Compared to the 100 nursing homes in Illinois, RYZE WEST's overall rating (1 stars) is below the state average of 2.5, staff turnover (44%) is near the state average of 46%, and health inspection rating (1 stars) is much below the national benchmark.

What Should Families Ask When Visiting Ryze West?

Based on this facility's data, families visiting should ask: "Can you walk me through typical staffing levels on day, evening, and night shifts?" "Can I visit during a mealtime to observe dining assistance and food quality?" "How do you handle medical emergencies, and what is your hospital transfer rate?" "Can I speak with family members of current residents about their experience?" These questions are particularly relevant given the below-average staffing rating.

Is Ryze West Safe?

Based on CMS inspection data, RYZE WEST has a clean safety record: no substantiated abuse findings (meaning no confirmed cases of resident harm), no Immediate Jeopardy citations (the most serious violation level indicating risk of serious injury or death), and is not on the Special Focus Facility watch list (a federal program monitoring the lowest-performing 1% of nursing homes). The facility has a 1-star overall rating and ranks #100 of 100 nursing homes in Illinois. While no facility is perfect, families should still ask about staff-to-resident ratios and recent inspection results during their visit.

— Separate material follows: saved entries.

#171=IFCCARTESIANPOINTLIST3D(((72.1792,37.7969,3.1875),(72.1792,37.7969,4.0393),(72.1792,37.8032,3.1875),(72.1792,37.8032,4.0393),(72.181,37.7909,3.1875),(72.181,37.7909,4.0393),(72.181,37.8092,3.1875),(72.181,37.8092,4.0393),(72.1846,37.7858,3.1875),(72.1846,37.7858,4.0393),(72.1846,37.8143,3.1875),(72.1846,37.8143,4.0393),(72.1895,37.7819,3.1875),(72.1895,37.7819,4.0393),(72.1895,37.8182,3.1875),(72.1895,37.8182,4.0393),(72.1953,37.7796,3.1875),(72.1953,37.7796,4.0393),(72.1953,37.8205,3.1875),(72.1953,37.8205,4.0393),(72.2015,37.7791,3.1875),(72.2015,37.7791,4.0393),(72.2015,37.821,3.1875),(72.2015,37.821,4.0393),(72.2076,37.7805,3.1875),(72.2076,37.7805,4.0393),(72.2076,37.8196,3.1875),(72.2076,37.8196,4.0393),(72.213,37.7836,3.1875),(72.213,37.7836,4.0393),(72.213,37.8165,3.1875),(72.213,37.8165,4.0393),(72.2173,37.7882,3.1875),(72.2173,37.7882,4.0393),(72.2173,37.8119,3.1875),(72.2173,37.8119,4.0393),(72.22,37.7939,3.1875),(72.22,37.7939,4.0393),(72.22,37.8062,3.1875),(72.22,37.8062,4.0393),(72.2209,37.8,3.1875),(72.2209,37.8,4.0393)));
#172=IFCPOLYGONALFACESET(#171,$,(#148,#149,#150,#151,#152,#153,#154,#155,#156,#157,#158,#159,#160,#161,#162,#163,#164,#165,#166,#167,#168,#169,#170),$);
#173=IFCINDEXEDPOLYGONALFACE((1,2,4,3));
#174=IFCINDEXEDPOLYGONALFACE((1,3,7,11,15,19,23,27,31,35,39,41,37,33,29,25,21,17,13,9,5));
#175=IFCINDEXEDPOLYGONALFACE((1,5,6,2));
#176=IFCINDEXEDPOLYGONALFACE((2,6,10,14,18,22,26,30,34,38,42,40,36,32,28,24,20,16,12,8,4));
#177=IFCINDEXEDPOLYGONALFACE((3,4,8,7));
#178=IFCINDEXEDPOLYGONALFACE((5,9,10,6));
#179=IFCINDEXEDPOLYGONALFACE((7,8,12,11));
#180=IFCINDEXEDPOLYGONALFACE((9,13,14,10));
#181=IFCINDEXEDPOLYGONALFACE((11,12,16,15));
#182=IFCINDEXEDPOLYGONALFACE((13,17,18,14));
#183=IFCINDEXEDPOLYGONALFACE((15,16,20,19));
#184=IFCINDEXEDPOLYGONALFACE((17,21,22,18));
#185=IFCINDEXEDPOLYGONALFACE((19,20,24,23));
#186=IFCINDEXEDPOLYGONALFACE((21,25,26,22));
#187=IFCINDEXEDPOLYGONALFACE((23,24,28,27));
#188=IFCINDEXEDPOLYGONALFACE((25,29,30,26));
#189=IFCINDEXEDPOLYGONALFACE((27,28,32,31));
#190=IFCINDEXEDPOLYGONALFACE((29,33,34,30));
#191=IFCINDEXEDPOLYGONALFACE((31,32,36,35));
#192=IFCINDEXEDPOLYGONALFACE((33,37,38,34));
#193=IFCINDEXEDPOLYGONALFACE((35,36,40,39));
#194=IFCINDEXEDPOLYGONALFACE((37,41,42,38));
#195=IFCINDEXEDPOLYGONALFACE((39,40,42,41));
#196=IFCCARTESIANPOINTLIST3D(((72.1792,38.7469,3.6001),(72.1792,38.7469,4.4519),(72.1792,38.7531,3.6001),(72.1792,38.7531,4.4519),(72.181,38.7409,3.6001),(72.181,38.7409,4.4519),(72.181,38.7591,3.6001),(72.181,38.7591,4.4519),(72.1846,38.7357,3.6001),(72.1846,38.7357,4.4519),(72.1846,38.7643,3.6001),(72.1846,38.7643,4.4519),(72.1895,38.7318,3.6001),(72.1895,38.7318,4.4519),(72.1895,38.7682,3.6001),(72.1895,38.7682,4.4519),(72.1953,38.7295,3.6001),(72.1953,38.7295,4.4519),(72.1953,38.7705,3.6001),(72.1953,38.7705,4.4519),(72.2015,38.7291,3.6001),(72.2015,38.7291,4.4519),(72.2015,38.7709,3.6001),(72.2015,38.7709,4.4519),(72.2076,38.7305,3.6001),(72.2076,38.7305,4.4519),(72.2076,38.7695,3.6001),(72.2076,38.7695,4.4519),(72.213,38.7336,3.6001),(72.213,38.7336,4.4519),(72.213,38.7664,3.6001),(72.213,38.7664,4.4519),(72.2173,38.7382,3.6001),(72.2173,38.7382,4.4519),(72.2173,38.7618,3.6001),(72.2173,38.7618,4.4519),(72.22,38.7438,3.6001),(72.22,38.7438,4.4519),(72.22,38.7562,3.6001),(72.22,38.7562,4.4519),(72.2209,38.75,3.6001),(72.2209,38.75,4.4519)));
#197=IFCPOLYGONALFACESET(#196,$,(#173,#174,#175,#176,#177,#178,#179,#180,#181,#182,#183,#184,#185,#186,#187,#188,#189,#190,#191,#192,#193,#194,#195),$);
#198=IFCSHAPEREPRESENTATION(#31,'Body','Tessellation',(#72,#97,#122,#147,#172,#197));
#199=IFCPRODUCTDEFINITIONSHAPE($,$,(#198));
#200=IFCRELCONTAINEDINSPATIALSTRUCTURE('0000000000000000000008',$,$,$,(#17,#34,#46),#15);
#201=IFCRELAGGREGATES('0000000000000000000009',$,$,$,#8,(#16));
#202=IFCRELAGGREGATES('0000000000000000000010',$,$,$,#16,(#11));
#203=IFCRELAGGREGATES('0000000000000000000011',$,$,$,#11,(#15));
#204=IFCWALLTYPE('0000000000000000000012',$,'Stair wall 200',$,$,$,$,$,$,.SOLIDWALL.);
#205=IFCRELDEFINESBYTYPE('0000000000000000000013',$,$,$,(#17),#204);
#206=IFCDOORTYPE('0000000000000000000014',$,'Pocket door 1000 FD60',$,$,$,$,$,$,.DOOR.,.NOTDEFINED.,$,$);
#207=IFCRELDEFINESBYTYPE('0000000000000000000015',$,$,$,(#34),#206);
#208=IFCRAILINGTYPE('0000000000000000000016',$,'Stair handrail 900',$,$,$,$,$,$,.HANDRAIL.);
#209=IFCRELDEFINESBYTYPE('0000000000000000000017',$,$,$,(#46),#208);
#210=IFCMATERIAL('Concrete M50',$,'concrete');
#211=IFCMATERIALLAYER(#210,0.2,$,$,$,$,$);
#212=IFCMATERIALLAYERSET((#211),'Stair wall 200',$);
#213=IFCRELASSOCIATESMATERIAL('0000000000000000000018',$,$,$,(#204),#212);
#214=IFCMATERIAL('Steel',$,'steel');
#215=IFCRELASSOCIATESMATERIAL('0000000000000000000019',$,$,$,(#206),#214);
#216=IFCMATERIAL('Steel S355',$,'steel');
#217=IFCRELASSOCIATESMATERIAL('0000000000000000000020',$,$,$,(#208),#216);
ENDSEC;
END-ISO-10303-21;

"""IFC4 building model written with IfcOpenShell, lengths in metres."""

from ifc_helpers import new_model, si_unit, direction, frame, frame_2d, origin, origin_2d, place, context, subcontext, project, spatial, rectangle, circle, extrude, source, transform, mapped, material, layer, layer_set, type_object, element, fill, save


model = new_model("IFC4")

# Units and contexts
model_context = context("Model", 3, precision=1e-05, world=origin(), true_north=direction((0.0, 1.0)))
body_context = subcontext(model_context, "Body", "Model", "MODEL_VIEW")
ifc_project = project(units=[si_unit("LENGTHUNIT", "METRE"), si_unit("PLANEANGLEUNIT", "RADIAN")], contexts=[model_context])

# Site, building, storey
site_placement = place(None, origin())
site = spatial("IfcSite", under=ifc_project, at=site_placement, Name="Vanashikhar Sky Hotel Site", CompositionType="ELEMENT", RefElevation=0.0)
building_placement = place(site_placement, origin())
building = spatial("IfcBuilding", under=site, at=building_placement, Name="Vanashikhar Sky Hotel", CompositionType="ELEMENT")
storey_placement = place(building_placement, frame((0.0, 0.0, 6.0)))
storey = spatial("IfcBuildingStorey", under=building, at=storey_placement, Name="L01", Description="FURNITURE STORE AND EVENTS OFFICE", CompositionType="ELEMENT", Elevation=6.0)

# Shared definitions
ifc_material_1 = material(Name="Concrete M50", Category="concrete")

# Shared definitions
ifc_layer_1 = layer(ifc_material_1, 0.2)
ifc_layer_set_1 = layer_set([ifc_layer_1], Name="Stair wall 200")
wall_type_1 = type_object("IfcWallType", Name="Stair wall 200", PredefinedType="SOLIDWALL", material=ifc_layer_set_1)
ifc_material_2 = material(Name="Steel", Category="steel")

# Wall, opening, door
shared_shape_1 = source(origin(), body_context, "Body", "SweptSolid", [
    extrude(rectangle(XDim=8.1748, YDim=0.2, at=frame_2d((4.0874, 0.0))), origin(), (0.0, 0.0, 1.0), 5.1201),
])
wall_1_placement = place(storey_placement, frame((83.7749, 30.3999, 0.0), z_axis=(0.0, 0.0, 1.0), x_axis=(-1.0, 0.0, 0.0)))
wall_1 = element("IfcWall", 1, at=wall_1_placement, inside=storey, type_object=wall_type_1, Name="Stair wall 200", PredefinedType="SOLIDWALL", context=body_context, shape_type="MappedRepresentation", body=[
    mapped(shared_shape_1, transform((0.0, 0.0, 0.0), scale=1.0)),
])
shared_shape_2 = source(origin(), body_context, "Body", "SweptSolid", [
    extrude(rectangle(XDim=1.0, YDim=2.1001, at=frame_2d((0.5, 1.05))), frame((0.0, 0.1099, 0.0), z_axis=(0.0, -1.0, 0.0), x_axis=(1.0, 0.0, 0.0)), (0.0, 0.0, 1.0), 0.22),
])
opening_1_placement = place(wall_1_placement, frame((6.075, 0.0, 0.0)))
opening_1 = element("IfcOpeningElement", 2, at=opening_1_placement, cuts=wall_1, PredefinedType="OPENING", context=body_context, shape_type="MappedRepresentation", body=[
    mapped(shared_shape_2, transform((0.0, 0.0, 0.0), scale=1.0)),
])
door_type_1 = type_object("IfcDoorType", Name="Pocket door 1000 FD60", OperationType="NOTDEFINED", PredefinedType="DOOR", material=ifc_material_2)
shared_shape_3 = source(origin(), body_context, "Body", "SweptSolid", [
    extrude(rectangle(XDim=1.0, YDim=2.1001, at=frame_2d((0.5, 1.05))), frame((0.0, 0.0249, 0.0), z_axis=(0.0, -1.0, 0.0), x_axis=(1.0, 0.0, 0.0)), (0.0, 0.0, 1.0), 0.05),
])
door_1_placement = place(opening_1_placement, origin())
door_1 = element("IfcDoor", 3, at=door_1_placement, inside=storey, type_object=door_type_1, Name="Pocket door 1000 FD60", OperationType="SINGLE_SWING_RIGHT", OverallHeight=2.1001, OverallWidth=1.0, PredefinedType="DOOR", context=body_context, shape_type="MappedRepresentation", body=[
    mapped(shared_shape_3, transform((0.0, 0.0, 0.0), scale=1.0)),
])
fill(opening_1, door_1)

Do Nurses at Ryze West Stick Around?

RYZE WEST has a staff turnover rate of 44%, which is about average for Illinois nursing homes (state average: 46%). Moderate turnover is common in nursing homes, but families should still ask about staff tenure and how the facility maintains care continuity when employees leave.

Was Ryze West Ever Fined?

RYZE WEST has been fined $261,142 across 7 penalty actions. This is 7.3x the Illinois average of $35,690. Fines at this level are uncommon and typically indicate a pattern of serious deficiencies, repeated violations, or failure to correct problems promptly. CMS reserves penalties of this magnitude for facilities that pose significant, documented risk to resident health or safety. Families should request specific documentation of what issues led to these fines and what systemic changes have been implemented.

Is Ryze West on Any Federal Watch List?

RYZE WEST is not on any federal watch list. The most significant is the Special Focus Facility (SFF) program, which identifies the bottom 1% of nursing homes nationally based on persistent, serious quality problems. Not being on this list means the facility has avoided the pattern of deficiencies that triggers enhanced federal oversight. This is a positive indicator, though families should still review the facility's inspection history directly.